At least that would provide certainty to accountants who have to field questions from clients on this sort of thing on a routine basis and who have been waiting for the best part of 2 years for proper clarification which they can then pass on to their clients. The present uncertainty only adds to certain people's cynicism towards Revenue and tax compliance in general, and makes everyone's job harder.



mandelbrot said:


> If that's the case, any final victory would be a long way away - someone  would have to take a case to Appeal or beyond in order to have  Revenue's interpretation overturned. (I suggest getting umop3p!dn on the  case, if he'll fight over €2.85 he'll surely fight over €150... )

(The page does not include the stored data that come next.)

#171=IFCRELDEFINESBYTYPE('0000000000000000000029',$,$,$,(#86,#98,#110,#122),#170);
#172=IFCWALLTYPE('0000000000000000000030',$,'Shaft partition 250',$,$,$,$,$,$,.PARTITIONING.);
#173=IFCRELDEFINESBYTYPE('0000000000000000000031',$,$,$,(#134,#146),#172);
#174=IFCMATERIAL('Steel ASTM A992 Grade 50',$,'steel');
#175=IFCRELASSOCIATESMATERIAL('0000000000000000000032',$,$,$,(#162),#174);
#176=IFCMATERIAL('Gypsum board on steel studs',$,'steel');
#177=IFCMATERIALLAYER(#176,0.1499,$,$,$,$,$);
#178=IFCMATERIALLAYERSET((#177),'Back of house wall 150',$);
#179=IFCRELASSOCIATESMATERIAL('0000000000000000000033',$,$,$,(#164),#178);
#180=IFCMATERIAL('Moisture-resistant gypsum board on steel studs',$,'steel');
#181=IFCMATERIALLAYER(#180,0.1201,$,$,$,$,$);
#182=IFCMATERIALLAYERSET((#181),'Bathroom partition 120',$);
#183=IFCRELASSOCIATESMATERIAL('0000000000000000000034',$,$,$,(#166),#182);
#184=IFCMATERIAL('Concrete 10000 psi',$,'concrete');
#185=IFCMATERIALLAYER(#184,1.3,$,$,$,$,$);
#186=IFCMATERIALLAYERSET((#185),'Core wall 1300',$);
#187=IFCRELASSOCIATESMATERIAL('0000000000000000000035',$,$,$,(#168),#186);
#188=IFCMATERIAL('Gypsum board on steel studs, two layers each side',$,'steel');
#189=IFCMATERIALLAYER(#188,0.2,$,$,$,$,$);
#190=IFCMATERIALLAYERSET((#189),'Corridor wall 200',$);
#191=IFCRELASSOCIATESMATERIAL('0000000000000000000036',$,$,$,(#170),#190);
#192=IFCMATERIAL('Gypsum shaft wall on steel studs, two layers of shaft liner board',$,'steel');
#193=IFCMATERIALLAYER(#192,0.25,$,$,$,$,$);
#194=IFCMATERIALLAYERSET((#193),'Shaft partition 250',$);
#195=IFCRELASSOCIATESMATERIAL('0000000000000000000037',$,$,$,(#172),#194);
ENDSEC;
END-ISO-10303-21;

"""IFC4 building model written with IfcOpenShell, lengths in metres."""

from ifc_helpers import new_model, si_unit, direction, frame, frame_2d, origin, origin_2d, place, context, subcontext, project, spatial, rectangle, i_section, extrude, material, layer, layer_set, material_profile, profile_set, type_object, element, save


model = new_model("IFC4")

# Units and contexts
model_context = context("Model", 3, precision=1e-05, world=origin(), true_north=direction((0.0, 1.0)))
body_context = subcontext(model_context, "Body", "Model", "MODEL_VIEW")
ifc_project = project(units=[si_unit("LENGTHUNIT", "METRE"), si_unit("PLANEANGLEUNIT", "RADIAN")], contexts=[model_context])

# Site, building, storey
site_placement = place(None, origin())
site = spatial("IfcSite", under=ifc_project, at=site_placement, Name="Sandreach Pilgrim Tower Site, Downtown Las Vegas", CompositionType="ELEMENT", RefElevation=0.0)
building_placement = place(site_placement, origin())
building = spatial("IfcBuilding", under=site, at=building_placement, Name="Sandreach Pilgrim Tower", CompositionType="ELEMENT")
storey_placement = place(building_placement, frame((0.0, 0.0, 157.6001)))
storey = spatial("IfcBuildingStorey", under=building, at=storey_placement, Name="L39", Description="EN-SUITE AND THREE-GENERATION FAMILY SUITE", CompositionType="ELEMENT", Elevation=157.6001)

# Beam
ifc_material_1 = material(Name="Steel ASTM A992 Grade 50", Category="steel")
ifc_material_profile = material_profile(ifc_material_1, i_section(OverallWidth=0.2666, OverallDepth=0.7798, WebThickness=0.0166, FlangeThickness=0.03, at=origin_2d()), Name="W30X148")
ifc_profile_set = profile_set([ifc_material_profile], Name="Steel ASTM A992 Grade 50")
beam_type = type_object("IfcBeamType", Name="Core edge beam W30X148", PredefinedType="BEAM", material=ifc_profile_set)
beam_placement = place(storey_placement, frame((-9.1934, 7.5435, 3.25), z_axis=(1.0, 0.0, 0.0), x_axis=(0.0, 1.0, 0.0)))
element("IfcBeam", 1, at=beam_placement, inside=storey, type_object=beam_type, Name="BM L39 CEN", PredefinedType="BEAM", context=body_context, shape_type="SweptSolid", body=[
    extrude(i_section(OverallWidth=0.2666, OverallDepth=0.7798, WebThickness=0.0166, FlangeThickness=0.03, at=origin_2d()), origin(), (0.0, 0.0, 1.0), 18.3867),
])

You may laugh, and I don't want to unnecessarily overdo the poor mouth, but €150 is a lot of money for some people these days, especially if they have no job and a property that they can neither finance nor sell.


----------



## oldnick

DB75 -The worry about various property charges is the certainty of increases. 

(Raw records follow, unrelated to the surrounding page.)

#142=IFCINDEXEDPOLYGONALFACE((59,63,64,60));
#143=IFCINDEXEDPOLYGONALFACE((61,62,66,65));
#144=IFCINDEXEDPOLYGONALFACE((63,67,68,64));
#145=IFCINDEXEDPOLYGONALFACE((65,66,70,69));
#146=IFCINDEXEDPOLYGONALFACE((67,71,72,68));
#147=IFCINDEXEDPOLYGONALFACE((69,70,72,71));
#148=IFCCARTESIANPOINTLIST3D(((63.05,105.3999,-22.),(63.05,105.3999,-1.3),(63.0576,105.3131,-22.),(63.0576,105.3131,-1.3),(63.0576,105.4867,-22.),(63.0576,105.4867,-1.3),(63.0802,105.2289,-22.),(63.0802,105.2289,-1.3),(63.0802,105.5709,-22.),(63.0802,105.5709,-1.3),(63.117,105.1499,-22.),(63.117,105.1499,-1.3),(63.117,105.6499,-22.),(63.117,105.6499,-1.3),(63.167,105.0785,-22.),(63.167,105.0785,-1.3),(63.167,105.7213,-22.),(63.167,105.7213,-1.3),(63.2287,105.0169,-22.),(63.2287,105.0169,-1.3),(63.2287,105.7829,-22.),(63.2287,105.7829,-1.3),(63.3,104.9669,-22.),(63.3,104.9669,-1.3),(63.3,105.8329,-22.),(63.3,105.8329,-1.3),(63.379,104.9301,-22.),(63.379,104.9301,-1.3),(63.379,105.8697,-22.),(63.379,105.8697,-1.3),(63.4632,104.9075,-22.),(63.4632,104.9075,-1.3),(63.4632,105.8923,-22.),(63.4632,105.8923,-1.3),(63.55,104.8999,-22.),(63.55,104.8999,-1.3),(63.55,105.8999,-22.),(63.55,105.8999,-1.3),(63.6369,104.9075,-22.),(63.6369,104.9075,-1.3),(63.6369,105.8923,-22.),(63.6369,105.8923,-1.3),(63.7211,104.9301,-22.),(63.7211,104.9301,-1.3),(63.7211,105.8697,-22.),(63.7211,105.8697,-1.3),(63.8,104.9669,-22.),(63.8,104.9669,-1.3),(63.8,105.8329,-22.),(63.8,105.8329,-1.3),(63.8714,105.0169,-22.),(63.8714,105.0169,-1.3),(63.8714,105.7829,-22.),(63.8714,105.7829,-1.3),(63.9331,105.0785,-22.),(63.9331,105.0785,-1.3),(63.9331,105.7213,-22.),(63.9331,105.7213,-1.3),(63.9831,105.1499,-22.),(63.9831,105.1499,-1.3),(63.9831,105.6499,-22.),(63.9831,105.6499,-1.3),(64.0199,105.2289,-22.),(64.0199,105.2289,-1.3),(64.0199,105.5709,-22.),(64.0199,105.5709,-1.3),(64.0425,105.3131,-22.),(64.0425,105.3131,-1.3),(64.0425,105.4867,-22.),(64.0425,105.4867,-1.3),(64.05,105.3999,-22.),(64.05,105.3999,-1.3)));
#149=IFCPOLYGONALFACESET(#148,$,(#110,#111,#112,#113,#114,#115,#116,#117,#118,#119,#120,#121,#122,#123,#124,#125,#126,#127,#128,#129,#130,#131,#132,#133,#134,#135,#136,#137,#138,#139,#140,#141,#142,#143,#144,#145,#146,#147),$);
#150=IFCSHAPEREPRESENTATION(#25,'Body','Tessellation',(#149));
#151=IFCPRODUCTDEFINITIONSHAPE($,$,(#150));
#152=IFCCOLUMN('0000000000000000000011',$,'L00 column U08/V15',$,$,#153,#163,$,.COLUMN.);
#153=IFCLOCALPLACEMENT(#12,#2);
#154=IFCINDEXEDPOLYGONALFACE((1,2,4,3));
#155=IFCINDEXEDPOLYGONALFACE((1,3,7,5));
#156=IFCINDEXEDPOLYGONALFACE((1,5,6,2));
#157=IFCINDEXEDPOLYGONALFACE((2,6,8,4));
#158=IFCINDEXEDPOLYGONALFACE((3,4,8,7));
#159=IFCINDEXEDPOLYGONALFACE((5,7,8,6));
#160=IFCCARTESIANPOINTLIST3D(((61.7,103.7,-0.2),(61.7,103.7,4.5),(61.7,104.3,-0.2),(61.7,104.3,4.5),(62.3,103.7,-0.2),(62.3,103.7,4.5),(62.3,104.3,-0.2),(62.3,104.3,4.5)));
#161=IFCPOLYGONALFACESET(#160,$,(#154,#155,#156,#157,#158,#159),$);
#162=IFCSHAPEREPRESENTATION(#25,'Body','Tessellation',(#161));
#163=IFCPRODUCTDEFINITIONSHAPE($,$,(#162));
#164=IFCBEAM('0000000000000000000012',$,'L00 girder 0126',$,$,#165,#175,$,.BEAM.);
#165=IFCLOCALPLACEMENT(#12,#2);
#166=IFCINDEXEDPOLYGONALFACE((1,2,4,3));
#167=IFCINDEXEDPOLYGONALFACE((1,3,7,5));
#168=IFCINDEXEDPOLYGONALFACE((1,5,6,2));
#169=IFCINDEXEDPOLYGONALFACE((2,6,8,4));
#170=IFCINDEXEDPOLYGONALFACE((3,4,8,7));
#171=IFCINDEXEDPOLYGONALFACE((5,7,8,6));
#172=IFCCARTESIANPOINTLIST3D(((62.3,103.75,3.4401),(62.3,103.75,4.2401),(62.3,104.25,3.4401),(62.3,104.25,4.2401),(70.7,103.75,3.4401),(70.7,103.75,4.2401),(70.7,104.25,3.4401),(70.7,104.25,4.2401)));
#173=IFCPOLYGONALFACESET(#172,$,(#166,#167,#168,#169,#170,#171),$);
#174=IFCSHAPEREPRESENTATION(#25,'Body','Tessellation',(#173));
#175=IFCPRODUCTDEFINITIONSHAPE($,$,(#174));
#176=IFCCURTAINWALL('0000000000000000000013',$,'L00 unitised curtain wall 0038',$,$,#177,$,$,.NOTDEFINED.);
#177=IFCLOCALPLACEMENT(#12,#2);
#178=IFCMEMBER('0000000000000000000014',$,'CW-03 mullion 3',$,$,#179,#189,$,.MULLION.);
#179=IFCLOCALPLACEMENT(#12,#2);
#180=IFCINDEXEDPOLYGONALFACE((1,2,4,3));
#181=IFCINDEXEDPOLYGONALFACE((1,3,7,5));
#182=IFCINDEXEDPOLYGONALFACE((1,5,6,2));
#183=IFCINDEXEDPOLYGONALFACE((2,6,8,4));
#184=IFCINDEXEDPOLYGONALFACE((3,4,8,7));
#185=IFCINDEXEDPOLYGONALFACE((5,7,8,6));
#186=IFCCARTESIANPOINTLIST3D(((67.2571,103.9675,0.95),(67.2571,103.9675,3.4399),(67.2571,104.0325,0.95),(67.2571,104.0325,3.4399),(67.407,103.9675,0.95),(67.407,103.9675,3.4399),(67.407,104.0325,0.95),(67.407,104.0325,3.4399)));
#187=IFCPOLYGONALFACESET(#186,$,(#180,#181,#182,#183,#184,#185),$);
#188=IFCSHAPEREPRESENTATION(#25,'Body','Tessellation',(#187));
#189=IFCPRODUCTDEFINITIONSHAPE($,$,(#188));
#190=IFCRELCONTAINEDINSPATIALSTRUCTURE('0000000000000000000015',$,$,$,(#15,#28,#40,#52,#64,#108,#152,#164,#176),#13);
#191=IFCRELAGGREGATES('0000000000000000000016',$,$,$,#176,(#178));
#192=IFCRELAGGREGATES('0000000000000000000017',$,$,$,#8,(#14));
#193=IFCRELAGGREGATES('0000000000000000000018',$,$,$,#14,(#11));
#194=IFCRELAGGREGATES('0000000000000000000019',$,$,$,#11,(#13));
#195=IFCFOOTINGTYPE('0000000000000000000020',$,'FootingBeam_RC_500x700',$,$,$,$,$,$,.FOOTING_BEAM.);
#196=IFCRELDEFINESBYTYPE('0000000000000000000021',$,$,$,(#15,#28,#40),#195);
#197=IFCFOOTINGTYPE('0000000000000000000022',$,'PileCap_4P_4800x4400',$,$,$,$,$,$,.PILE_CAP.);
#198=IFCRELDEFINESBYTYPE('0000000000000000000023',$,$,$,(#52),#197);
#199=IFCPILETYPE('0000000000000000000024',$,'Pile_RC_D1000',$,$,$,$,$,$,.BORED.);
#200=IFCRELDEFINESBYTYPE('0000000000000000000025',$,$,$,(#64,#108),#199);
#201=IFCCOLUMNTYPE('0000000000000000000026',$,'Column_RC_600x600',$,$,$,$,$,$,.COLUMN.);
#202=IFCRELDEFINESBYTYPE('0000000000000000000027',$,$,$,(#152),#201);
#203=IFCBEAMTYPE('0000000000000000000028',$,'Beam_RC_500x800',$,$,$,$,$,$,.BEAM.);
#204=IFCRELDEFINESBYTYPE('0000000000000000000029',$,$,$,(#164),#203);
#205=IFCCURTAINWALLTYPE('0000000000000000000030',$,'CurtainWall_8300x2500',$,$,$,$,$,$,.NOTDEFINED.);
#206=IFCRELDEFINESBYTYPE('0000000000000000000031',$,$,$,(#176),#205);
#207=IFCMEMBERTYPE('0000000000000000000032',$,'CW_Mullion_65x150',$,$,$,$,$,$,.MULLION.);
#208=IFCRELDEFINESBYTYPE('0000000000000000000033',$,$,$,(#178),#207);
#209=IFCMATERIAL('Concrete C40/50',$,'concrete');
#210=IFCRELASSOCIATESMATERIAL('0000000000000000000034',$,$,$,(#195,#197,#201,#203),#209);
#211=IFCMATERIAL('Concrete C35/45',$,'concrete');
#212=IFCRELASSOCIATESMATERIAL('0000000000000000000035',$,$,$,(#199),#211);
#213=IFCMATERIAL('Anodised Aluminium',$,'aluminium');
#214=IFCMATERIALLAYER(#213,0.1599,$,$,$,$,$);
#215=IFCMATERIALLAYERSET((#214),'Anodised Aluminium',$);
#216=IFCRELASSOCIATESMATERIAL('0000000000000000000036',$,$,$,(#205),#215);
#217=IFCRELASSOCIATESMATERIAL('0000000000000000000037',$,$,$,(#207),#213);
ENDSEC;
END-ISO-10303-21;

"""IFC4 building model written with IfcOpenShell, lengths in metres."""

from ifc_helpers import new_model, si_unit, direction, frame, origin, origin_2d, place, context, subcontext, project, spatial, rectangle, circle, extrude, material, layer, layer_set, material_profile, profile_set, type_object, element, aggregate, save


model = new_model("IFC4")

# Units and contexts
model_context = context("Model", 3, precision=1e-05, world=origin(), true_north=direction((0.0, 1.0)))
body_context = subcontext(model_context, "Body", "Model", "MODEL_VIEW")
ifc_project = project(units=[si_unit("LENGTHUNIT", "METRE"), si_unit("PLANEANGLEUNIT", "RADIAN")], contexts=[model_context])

The loan interest that many (not all) landlords are paying will gradually decrease as they pay off their loans,  whereas the property charges will certainly increase for all landlords.  In a few years one could pay several hundred euros on a three bedroom house -more in Dublin . That's besides NPPR.  (And this is still less than in U.K.). 
For someone to pay 500 -1.000 euros on each rental property -without being able to claim a penny deduction - will be a disaster.
(And I wonder how the proposed household charge for TV/computer will be regarded? It won't be based on whetehr someone actually has  tv/computer. It'll be another property charge for the owner I reckon.)

But, of course, you're right to point out the hardship caused by decreasing interest relief. We should fight both causes.


----------



## mandelbrot

T McGibney said:


> You may laugh, and I don't want to unnecessarily overdo the poor mouth, but €150 is a lot of money for some people these days, especially if they have no job and a property that they can neither finance nor sell.


 
I have no doubt that it is, I'm sure we all know people who are in that boat. You can be sure I'm not laughing, €150 is a *huge* amount to me!

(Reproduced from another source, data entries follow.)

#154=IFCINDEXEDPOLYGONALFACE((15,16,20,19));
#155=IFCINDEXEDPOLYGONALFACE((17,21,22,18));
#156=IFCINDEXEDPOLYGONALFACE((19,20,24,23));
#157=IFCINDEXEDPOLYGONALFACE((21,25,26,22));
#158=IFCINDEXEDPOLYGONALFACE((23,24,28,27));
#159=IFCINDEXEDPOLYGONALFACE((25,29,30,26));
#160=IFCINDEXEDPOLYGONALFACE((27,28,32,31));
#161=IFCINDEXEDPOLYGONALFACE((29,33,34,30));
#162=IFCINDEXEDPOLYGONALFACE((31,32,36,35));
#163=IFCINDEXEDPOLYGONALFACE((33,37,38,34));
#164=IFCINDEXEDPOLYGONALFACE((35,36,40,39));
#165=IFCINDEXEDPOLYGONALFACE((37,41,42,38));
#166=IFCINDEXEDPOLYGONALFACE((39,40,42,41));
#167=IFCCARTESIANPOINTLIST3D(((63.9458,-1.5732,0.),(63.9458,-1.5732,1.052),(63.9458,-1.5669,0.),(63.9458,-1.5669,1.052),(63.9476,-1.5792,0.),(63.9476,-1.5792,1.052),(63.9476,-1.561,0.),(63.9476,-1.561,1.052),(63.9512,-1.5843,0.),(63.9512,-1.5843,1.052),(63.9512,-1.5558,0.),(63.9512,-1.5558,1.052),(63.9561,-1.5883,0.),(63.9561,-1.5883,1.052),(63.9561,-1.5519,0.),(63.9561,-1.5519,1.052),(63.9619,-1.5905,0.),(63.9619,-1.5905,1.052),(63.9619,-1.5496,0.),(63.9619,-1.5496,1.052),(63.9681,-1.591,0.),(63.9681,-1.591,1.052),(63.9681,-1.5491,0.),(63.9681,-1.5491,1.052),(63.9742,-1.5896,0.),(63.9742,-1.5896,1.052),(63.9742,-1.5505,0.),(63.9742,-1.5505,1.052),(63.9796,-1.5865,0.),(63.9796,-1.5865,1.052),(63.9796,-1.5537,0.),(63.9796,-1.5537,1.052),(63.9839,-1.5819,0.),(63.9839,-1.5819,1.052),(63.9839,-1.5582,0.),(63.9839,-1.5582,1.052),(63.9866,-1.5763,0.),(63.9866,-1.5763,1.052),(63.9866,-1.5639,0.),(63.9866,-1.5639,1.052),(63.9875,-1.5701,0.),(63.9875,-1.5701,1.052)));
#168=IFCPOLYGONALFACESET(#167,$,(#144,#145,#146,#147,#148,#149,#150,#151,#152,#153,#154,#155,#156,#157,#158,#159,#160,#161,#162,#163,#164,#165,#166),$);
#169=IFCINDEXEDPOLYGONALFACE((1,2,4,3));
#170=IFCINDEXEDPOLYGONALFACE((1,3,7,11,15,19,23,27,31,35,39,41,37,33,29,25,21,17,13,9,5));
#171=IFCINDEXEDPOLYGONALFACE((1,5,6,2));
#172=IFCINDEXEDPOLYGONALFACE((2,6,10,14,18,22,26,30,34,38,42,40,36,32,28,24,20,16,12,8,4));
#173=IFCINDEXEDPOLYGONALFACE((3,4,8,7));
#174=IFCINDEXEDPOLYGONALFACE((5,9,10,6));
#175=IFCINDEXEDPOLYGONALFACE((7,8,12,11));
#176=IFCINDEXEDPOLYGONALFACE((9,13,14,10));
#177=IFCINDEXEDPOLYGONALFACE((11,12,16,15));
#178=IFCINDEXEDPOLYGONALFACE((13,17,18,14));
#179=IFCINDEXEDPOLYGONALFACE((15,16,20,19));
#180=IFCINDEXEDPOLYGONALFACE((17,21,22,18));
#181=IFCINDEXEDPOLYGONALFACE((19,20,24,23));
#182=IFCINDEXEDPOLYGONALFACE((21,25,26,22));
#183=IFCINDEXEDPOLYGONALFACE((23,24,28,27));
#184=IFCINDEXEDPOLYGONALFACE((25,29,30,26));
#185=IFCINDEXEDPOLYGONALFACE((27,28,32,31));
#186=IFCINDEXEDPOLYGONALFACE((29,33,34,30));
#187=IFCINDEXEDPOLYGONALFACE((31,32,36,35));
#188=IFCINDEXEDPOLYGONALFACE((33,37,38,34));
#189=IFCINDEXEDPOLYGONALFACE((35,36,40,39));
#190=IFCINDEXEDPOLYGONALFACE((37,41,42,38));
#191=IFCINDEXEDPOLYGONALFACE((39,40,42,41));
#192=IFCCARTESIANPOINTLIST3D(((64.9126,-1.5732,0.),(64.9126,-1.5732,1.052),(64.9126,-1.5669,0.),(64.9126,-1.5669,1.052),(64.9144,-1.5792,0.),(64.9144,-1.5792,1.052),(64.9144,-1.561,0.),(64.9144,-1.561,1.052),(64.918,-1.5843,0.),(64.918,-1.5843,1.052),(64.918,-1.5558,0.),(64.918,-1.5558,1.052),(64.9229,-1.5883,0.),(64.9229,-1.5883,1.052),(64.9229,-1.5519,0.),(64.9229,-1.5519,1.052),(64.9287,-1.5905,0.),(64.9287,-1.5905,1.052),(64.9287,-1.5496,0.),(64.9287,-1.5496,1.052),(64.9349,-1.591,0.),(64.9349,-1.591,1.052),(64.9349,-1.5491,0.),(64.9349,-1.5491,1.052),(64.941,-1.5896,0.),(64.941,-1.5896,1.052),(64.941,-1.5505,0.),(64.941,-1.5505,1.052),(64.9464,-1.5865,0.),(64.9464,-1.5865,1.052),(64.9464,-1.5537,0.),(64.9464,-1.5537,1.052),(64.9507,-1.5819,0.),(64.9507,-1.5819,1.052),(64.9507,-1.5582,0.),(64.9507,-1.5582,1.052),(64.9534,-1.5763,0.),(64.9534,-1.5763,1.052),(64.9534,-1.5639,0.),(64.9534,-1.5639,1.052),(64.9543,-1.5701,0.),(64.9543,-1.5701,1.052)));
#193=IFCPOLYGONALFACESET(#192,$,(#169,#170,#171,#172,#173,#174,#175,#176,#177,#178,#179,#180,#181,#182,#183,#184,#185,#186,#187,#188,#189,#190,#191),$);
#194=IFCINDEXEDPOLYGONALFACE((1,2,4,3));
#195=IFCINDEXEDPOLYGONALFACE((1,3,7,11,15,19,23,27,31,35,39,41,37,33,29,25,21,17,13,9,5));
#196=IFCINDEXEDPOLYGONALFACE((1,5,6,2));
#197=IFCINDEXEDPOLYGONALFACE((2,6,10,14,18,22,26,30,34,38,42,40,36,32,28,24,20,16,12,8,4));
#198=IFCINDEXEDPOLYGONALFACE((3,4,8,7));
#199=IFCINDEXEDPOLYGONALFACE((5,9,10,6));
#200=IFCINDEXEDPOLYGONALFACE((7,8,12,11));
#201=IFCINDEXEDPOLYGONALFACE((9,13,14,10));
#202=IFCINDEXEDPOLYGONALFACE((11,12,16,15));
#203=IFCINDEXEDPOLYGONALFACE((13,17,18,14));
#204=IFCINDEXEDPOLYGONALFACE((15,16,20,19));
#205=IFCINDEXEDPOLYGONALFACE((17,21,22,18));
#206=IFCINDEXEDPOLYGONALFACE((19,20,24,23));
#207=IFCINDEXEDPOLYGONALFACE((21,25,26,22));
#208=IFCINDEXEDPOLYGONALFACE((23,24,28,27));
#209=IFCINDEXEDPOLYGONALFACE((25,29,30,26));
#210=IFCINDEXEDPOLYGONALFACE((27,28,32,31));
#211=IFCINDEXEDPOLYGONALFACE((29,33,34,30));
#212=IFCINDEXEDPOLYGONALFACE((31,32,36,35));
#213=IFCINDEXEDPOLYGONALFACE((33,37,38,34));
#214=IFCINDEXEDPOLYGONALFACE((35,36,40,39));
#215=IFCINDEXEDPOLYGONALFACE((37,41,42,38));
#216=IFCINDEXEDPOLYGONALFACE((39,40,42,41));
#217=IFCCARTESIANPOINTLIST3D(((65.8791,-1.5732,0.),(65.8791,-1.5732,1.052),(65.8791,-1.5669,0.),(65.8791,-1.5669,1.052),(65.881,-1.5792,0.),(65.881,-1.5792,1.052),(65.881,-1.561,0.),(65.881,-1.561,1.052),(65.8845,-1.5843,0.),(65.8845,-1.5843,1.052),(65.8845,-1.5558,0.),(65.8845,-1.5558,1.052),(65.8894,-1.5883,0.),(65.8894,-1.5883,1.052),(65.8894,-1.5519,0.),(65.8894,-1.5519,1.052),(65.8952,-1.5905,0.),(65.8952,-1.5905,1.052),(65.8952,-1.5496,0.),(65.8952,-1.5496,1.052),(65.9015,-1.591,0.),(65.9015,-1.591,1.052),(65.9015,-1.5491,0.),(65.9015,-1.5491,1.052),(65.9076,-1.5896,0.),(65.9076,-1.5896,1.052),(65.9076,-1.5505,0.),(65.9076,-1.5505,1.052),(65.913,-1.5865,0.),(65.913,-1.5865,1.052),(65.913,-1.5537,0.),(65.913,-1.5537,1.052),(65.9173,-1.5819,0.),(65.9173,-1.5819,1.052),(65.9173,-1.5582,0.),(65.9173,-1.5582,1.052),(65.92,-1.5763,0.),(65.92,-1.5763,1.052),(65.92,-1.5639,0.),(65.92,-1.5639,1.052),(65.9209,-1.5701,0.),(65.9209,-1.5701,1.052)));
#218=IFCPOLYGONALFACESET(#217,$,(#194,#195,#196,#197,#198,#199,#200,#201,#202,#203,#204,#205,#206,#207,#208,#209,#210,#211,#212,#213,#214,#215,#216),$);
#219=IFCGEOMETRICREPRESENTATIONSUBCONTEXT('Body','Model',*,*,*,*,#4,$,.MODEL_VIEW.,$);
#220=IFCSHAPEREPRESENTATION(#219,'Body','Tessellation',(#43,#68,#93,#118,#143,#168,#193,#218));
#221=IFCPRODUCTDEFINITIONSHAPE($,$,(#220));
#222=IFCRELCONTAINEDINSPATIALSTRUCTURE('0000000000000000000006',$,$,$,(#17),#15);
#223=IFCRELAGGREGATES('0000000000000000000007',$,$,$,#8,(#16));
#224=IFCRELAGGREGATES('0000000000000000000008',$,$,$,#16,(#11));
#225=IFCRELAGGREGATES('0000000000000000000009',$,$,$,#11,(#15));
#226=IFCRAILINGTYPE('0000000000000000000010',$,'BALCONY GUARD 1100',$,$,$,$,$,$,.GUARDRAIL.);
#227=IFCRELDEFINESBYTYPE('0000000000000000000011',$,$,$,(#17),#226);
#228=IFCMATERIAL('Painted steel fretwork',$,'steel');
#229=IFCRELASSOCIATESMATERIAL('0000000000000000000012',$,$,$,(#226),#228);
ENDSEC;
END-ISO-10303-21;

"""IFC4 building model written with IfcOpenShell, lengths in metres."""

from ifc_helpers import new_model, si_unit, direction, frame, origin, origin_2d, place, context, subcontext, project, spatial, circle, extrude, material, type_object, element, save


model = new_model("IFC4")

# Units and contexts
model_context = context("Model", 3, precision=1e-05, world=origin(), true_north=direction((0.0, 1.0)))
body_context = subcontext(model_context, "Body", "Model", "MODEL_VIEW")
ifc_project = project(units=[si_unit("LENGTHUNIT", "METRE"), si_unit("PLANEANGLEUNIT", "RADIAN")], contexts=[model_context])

My previous glib comment aside, the problem about something like this is that somebody (has to - edit: ) may have to incur substantial cost to go through the due process necessary to challenge a Revenue interpretation.

So it's a pyrrhic victory for the individual who achieves it, but great news for everyone else - hence it would require someone who's willing to expend more time and money than they expect to benefit (which inspired my comment about the tenacious Mr Upsidedown!)


----------



## T McGibney

mandelbrot said:


> My previous glib comment aside, the problem about something like this is that somebody has to incur substantial cost to go through the due process necessary to challenge a Revenue interpretation.



Last time I checked, it cost nothing to bring a case to the Appeal Commissioners, unless the individual is paying for professional representation.

I don't know how a court victory over Revenue could be seen as 'pyrrhic' as the winner of the case would presumably normally stand to be awarded their costs?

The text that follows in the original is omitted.